Boat type selection - why the North Carolina Sharpie.
The New Haven and Noth Carolina sharpies, whether cat-ketch or schooner rigged, give the best bang for the buck in the history of sailing:
- very fast,
- very seaworthy
- and very cheap to build and maintain.
But, you protest, fast and seaworthy? Why, you wouldn't catch me sailing on the deep with a narrow, shallow-draft speedster. Give me Hanna's Tahiti Ketch. There's a nice reliable tub.
Except that they weren't - reliable that is. Tubs they were:
- Tubs that could not get out of their own way.
- Tubs that took a dangerously long time to make ocean passages.

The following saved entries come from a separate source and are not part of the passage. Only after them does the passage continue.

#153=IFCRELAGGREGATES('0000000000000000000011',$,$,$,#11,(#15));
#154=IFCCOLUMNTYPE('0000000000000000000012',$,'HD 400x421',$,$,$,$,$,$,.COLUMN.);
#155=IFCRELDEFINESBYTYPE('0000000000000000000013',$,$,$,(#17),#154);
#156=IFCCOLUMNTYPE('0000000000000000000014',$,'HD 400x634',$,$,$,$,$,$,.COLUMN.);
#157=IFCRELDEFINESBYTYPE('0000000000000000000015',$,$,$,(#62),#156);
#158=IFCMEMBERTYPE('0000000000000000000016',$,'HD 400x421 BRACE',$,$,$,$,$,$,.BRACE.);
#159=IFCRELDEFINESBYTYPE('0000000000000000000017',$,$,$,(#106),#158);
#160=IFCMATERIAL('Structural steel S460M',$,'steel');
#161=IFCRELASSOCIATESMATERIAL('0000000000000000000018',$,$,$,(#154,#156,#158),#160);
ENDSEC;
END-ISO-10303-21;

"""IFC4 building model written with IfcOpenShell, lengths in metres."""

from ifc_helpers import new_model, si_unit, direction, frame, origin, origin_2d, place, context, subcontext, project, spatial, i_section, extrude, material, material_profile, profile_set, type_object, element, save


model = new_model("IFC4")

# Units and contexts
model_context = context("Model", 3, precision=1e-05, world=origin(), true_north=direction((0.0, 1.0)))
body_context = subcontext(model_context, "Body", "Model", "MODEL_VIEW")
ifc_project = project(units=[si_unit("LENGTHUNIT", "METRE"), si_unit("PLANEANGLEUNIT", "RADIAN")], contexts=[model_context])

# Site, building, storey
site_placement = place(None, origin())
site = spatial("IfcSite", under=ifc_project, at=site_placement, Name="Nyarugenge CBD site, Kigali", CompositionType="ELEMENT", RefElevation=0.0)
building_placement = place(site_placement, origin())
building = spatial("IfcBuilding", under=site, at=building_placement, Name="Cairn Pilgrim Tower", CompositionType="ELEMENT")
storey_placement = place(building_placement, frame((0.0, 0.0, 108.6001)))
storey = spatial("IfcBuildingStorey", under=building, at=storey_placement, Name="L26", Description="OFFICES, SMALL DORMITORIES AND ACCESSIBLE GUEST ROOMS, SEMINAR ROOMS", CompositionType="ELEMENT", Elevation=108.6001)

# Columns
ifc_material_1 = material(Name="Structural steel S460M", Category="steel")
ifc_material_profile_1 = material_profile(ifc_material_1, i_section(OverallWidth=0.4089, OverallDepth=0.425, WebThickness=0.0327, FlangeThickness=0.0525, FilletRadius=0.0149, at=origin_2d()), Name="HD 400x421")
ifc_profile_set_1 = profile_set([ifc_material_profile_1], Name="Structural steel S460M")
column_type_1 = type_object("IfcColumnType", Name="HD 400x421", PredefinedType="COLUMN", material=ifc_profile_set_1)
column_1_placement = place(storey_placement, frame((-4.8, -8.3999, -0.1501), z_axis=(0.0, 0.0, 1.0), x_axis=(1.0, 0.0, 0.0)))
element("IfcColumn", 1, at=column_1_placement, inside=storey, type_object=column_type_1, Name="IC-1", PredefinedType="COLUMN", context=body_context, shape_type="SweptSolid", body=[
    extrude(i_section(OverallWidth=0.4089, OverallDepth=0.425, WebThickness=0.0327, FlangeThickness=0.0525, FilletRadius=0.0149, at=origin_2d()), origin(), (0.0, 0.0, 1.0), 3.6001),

- Tubs that heeled over instead of accelerating when hit by a gust of wind.
- Tubs that wallowed.
On the other hand:
"The sharpie's rapid spread in use can be accounted for by its low cost, light draft, speed, handiness under sail, graceful appearance, and rather astonishing seaworthiness. Since oyster tonging was never carried on in heavy weather, it was by chance rather than intent that the seaworthiness of this New Haven tonging boat was discovered. There is a case on record in which a tonging sharpie rescued the crew of a coasting schooner at Branford, Connecticut, during a severe gale[1], after other boats had proved unable to approach the wreck."
Below is our all-time favorite sailing photograph. It shows a cat-ketch-rigged North Carolina sharpie booming along, with one reef, in a moderate gale[2]. This particular sharpie was 42-45 feet long [Chapelle's estimate] with no cuddy. The North Carolina sharpie plans shown in Figure 9 is 42.5' long and has two small cuddies. It is also cat-ketch rigged.

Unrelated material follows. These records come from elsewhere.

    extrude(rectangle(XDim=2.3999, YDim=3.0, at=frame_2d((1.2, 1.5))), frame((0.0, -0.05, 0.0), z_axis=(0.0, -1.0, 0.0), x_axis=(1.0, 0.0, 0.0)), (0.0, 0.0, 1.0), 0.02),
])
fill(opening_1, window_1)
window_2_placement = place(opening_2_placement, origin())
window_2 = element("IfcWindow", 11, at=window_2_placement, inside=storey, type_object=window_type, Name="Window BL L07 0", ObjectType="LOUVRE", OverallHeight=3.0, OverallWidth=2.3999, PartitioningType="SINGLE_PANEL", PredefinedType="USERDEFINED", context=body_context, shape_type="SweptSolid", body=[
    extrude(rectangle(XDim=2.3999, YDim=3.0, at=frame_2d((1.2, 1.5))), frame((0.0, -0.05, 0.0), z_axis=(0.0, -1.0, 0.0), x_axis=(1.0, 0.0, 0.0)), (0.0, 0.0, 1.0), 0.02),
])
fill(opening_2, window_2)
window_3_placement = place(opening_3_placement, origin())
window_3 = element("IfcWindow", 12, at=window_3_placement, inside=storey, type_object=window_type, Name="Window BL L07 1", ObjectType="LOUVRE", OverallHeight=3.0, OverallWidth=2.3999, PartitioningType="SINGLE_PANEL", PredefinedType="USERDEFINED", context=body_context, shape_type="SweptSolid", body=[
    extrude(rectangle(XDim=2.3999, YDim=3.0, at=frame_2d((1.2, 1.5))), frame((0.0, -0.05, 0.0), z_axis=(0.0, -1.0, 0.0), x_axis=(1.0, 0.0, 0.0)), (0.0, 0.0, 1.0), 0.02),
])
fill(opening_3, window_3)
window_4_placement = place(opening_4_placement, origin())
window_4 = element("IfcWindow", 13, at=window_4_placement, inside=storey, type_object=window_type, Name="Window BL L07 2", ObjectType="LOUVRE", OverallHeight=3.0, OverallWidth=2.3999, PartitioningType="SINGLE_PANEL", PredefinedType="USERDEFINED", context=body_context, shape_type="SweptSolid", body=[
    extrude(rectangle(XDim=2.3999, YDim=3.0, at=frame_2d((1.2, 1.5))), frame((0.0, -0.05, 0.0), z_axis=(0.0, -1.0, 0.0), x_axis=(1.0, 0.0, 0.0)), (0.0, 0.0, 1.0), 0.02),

The above photograph and quote were taken from the mysterious "Paper 25." Through an extraordinary piece of luck we are in possession of one of the two or three copies left "in the wild." To find Paper 25 just follow the links to the New Haven and North Carolina sharpies. All of Paper 25 is available on the feeble crew website except for those sections that had nothing to do with sharpies [Howard I. Chapelle was known to ramble a bit in his later years]. Figure 9 is also from "Paper 25."
Below, just for laughs, is a photo of the Hanna-designed Tahiti Ketch wallowing along. You don't think that it is wallowing? Look again. There is almost no wind and it is probably doing all of about three knots but look at the wake it is kicking up.
You could not find two ketches more different.